As soon as a resistor needs to be selected, it is time to pull out the correct formulae. It is also important to keep the various electrical laws that underpin our fascinating hobby or area of work in mind too. When trying to repair a device, or understand why a circuit doesn’t work, going back to fundamentals can provide a firm collection of facts upon which the next steps can be determined.

Perhaps of equal interest for some is the history of the people after whom these formulae and rules are named after. Long before the Internet and online ordering of components, the acquisition of electrical components for research would have been expensive. Furthermore, access to them would have been limited to those studying under some of these great scholars. It is amazing to think that, more than a century later, their hard work still plays a role in our lives on a daily basis.

Ohm’s Law

Much of early electrical engineering was focused on the challenges of the fledgling telegraph technology. Telegraphers used differing units for electrical resistance such as that defined by Moritz Herman von Jacobi or the German mile. These defined resistance in terms of lengths of wire of known cross-section. It was the British Association that managed to establish the ohm as the unit of measurement for resistance in the mid-19th century.

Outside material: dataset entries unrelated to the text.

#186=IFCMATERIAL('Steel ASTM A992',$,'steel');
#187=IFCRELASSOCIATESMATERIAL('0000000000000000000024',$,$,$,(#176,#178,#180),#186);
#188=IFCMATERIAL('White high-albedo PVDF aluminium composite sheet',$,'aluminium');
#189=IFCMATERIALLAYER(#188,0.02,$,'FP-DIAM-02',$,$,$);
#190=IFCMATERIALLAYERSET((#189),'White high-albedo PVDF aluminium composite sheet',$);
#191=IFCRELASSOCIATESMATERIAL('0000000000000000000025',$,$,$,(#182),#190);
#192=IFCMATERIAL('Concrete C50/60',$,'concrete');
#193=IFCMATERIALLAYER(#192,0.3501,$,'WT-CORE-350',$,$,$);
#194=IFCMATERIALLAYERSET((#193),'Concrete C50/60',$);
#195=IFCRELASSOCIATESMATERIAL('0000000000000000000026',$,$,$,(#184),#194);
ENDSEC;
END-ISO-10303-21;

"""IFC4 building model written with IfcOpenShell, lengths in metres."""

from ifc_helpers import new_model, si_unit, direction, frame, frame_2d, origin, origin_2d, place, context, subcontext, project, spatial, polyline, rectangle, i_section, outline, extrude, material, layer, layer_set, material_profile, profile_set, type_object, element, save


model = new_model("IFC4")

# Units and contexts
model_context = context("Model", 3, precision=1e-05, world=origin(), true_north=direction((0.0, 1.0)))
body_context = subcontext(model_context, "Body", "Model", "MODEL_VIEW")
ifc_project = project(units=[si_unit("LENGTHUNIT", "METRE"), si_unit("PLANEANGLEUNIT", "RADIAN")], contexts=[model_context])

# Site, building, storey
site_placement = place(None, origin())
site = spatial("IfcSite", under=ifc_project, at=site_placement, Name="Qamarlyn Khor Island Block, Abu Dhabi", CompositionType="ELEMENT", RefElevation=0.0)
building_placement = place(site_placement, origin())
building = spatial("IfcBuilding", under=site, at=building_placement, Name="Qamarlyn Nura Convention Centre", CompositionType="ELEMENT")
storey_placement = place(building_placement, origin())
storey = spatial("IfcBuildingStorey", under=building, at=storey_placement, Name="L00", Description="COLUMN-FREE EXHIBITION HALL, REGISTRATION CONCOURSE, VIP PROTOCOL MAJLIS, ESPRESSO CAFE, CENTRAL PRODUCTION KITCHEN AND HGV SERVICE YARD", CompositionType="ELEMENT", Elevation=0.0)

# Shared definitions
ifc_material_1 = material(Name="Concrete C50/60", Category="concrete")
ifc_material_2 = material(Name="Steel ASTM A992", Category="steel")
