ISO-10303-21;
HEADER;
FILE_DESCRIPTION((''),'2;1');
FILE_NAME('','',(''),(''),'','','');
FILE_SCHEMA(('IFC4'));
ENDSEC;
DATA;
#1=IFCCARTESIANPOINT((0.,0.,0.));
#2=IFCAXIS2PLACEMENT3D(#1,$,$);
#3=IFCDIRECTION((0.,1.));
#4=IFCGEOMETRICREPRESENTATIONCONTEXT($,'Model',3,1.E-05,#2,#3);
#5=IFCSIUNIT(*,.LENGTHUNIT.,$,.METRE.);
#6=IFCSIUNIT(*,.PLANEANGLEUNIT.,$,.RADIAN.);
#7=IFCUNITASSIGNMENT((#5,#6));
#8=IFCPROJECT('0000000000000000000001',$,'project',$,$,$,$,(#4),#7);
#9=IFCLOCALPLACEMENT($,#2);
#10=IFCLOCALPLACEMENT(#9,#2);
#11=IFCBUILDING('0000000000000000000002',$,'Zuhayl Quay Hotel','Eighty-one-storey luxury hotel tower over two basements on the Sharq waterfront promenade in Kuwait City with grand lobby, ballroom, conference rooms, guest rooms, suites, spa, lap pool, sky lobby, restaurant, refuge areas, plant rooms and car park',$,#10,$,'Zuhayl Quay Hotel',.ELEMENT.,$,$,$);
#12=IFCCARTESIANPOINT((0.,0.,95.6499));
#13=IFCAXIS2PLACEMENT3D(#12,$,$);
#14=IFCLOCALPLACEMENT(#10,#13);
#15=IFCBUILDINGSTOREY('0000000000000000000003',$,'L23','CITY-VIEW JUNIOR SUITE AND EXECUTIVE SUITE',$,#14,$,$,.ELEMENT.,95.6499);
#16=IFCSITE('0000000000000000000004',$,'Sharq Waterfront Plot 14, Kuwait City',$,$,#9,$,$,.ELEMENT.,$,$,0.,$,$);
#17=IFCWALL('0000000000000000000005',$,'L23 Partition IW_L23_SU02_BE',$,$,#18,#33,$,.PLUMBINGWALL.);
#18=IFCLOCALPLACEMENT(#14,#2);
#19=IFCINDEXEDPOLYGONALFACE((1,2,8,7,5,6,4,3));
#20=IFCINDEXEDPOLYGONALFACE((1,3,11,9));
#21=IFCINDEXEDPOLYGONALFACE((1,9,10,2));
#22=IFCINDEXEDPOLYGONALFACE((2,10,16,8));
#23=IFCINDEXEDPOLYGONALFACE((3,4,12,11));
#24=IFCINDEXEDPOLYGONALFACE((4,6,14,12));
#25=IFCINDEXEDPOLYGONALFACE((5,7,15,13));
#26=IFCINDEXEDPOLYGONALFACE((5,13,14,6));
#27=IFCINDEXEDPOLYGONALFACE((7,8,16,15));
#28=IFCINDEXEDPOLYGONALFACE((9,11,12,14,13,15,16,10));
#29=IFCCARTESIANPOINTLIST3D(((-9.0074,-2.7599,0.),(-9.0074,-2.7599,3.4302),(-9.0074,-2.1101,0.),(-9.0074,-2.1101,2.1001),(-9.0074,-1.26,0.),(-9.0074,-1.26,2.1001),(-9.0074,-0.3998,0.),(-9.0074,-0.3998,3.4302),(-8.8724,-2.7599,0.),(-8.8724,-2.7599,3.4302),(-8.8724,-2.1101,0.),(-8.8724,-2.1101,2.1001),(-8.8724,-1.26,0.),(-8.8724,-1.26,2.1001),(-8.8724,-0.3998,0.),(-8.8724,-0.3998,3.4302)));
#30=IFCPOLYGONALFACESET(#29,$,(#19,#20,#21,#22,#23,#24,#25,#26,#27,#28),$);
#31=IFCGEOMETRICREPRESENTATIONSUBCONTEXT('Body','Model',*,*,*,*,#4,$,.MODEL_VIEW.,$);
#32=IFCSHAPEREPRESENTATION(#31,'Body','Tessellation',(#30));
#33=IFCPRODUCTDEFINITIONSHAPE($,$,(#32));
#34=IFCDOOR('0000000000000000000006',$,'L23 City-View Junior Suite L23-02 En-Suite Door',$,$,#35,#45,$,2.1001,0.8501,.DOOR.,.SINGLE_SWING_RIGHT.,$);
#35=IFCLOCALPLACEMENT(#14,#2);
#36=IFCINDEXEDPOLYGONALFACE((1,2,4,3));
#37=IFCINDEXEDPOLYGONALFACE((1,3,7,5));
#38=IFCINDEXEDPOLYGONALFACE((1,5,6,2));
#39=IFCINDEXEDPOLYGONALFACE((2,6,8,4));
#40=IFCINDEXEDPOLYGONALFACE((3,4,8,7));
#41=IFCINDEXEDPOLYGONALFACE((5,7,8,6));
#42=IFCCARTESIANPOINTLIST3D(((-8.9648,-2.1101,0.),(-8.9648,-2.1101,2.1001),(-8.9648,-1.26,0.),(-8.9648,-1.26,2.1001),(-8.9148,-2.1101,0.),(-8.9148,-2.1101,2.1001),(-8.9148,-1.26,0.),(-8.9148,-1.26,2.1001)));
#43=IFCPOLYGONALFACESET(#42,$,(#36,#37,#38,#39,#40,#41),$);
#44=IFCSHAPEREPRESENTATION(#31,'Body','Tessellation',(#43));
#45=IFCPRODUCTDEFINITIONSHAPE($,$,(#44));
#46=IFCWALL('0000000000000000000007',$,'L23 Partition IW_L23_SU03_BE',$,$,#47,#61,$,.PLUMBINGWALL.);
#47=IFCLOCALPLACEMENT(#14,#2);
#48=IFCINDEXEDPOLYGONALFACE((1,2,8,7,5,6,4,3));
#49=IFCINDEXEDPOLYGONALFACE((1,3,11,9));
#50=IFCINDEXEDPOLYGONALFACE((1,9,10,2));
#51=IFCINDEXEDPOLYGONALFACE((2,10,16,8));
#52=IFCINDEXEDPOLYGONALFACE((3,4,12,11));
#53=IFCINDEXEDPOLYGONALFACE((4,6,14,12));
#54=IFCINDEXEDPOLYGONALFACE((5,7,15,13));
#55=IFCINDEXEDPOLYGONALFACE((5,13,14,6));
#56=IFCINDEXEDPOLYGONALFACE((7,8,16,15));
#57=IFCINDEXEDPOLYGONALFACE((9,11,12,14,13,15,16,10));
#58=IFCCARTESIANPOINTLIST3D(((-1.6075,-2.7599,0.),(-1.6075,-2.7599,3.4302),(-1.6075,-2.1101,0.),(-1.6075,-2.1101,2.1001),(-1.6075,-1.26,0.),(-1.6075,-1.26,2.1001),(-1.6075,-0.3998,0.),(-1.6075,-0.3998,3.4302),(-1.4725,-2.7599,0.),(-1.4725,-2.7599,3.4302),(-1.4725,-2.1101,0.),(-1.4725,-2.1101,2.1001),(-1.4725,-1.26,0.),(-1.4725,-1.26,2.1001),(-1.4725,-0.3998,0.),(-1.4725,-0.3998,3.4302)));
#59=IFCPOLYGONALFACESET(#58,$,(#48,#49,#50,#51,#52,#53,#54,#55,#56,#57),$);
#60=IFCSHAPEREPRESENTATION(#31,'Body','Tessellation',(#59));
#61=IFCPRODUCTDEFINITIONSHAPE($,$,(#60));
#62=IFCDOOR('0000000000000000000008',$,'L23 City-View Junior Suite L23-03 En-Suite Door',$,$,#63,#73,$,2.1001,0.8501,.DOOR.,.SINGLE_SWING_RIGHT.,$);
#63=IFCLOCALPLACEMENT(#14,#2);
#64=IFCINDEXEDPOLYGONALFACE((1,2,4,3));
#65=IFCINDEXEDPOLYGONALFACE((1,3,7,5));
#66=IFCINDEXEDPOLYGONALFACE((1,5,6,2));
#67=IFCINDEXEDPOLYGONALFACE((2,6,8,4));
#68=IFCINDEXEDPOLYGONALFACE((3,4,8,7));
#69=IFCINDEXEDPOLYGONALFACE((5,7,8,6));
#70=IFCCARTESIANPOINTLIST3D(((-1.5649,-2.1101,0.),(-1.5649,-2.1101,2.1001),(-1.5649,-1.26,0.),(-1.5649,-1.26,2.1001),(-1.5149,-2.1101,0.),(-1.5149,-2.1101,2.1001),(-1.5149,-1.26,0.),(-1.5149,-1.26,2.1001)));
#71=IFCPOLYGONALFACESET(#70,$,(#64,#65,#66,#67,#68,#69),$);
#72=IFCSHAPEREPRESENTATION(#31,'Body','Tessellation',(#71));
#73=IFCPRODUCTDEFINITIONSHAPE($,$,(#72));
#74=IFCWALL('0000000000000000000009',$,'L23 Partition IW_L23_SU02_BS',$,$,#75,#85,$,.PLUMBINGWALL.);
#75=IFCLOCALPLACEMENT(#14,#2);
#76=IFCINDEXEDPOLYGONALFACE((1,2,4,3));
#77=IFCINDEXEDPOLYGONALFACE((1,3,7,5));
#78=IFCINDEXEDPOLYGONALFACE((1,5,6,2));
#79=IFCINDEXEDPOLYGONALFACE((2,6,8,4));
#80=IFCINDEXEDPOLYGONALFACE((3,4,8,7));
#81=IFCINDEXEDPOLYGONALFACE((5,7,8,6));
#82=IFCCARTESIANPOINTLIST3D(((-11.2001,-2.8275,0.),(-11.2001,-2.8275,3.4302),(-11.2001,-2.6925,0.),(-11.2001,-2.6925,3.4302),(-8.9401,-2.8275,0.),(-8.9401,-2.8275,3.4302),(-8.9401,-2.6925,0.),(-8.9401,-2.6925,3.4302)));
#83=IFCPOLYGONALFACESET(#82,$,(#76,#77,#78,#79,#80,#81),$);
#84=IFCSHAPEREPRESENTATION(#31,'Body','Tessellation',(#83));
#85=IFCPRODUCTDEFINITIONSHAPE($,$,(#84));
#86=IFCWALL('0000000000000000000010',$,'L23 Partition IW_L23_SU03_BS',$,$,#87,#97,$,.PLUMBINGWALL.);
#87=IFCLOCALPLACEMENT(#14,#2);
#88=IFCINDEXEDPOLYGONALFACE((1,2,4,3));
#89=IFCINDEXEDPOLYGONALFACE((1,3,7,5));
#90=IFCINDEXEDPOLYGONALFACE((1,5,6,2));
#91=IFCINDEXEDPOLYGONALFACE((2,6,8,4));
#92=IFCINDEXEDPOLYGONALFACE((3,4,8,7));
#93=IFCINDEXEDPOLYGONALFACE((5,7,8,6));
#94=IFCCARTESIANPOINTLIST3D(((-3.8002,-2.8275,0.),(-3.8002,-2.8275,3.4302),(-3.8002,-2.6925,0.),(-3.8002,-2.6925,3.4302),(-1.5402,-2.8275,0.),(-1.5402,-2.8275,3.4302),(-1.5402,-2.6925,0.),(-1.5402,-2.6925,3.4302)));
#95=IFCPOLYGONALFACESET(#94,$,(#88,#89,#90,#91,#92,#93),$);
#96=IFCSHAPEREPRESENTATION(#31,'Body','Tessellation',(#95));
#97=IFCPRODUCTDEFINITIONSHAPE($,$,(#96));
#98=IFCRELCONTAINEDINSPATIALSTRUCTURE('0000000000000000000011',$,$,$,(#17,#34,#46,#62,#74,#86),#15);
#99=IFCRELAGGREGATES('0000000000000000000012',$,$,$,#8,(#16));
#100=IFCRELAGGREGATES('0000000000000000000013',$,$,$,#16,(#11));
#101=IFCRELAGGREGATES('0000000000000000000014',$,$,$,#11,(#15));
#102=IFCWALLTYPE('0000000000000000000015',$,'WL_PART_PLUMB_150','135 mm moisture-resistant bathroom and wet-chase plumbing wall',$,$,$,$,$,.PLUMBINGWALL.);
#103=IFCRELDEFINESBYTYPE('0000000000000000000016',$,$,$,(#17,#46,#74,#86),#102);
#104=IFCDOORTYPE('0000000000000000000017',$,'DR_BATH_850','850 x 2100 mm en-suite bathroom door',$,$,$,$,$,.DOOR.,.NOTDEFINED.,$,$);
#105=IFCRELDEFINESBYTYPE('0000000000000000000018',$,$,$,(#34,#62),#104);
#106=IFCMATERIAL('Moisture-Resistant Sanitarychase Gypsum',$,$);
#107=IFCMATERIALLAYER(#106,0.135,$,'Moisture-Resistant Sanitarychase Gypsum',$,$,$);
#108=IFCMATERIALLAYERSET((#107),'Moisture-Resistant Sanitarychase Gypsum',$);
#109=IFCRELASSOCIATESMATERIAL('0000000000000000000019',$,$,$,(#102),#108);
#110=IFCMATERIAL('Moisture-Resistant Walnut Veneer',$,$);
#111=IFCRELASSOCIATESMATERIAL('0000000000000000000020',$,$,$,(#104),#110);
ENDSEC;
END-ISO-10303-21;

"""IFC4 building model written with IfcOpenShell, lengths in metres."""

from ifc_helpers import new_model, si_unit, direction, frame, frame_2d, origin, place, context, subcontext, project, spatial, rectangle, extrude, material, layer, layer_set, type_object, element, fill, save


model = new_model("IFC4")

# Units and contexts
model_context = context("Model", 3, precision=1e-05, world=origin(), true_north=direction((0.0, 1.0)))
body_context = subcontext(model_context, "Body", "Model", "MODEL_VIEW")
ifc_project = project(units=[si_unit("LENGTHUNIT", "METRE"), si_unit("PLANEANGLEUNIT", "RADIAN")], contexts=[model_context])

# Site, building, storey
site_placement = place(None, origin())
site = spatial("IfcSite", under=ifc_project, at=site_placement, Name="Sharq Waterfront Plot 14, Kuwait City", CompositionType="ELEMENT", RefElevation=0.0)
building_placement = place(site_placement, origin())
building = spatial("IfcBuilding", under=site, at=building_placement, Name="Zuhayl Quay Hotel", Description="Eighty-one-storey luxury hotel tower over two basements on the Sharq waterfront promenade in Kuwait City with grand lobby, ballroom, conference rooms, guest rooms, suites, spa, lap pool, sky lobby, restaurant, refuge areas, plant rooms and car park", LongName="Zuhayl Quay Hotel", CompositionType="ELEMENT")
storey_placement = place(building_placement, frame((0.0, 0.0, 95.6499)))
storey = spatial("IfcBuildingStorey", under=building, at=storey_placement, Name="L23", Description="CITY-VIEW JUNIOR SUITE AND EXECUTIVE SUITE", CompositionType="ELEMENT", Elevation=95.6499)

The unit was named after the German physicist Georg Ohm. His work in the early 19th century led to the formula V = I × R we use today, known as Ohm’s Law. The law can be rearranged in three different ways depending on whether the voltage (V), current (I), or resistance (R) needs to be calculated. These are:
 
V = I × R, I = V ÷ R, and R = V ÷ I

A common first use for Ohm’s Law by students is to calculate the current limiting resistor for an LED. Given a 12 V power supply and two LEDs in series, the necessary resistance can be calculated. Firstly, the forward voltage of the LEDs is required. This could be around 1.7 V for a standard red LED. This is subtracted from the power source voltage:
 
12 V – 1.7 V – 1.7 V = 8.6 V

From here, knowing that the LED’s operating current is, for example, 20 mA, the required resistor can be calculated:
 
R = 8.6 V ÷ 0.02 A = 430 Ω

Electrical power

Of course, once the resistor value is defined we also need to make sure it is correctly dimensioned for the power passing through it. This leads us to another key formula. Power (P), measured in watts (W) is a measure of the rate (per unit time) at which electrical energy is transferred and can be calculated using the formula P = V × I. This can be combined with Ohm’s Law to allow the resistance to be used to calculate power as follows:
 
P = V × I so P = V2 ÷ R or P = R × I2

With 20 mA flowing through our resistor, we can determine the power it needs to dissipate as follows:
 
P = I2 × R = 0.022 A × 430 Ω = 172 mW

This means we can safely select a ¼ W resistor for use in the application.

Kirchhoff’s Current Law (KCL)

The equations discussed thus far seem simple enough and easy to use, but that is only because they are established and because we now work in standard units. At the time, standard units weren’t available and work such as Ohm’s was called “a web of naked fancies”. Such ‘new thinking’ was often incompatible with established theories.

Kirchhoff’s circuit laws, of which his Current Law is one, is another law that seems blindingly obvious today. It states that the algebraic sum of currents at any node in a circuit is zero. The reason two LEDs in series, as we analyzed above, only draw the same current as a single LED is due to this law. If we consider the connection point between the two LEDs as a node, the current entering the node from the first LED is 20 mA, as is the current leaving the node entering the second LED. Thus, the current flowing through the resistor must also be 20 mA.

If we now modify our previous circuit by placing the LEDs in parallel*, we can examine the node where current flows from the resistor into the two LEDs. With each LED drawing a current of 20 mA each out of the node, it follows that the current flowing into the node via the resistor must be their sum, i.e. 40 mA. Assuming the same 1.7 V forward voltage, we can quickly calculate the required resistor value as follows:
 
12 V – 1.7 V = 10.3 V

R = V ÷ I = 10.3 V ÷ (0.02 A + 0.02 A) = 257.5 Ω

With 40 mA flowing through this resistor, will we need a component with a higher power rating? This can be determined as before:
 
P = 0.042 A × 257.5 Ω = 412 mW

Such a circuit change may only be small and subtle, but it clearly shows a need to move to a ½ W resistor.

* Note: Operating LEDs in parallel like this is, in reality, not a trivial matter. For the purposes of demonstrating Kirchhoff's Law mathematically, it is fine, but in real circuits, there are some considerable challenges! 

These formulae can help

If in doubt, get back to basics! The work undertaken by the physicists of the 19th century is as relevant today as it was back then. If your circuit isn’t working as expected, take a moment to compare reality with the theory as these formulae and laws can help clarify why the currents or voltages on your breadboard don’t align with your expectations.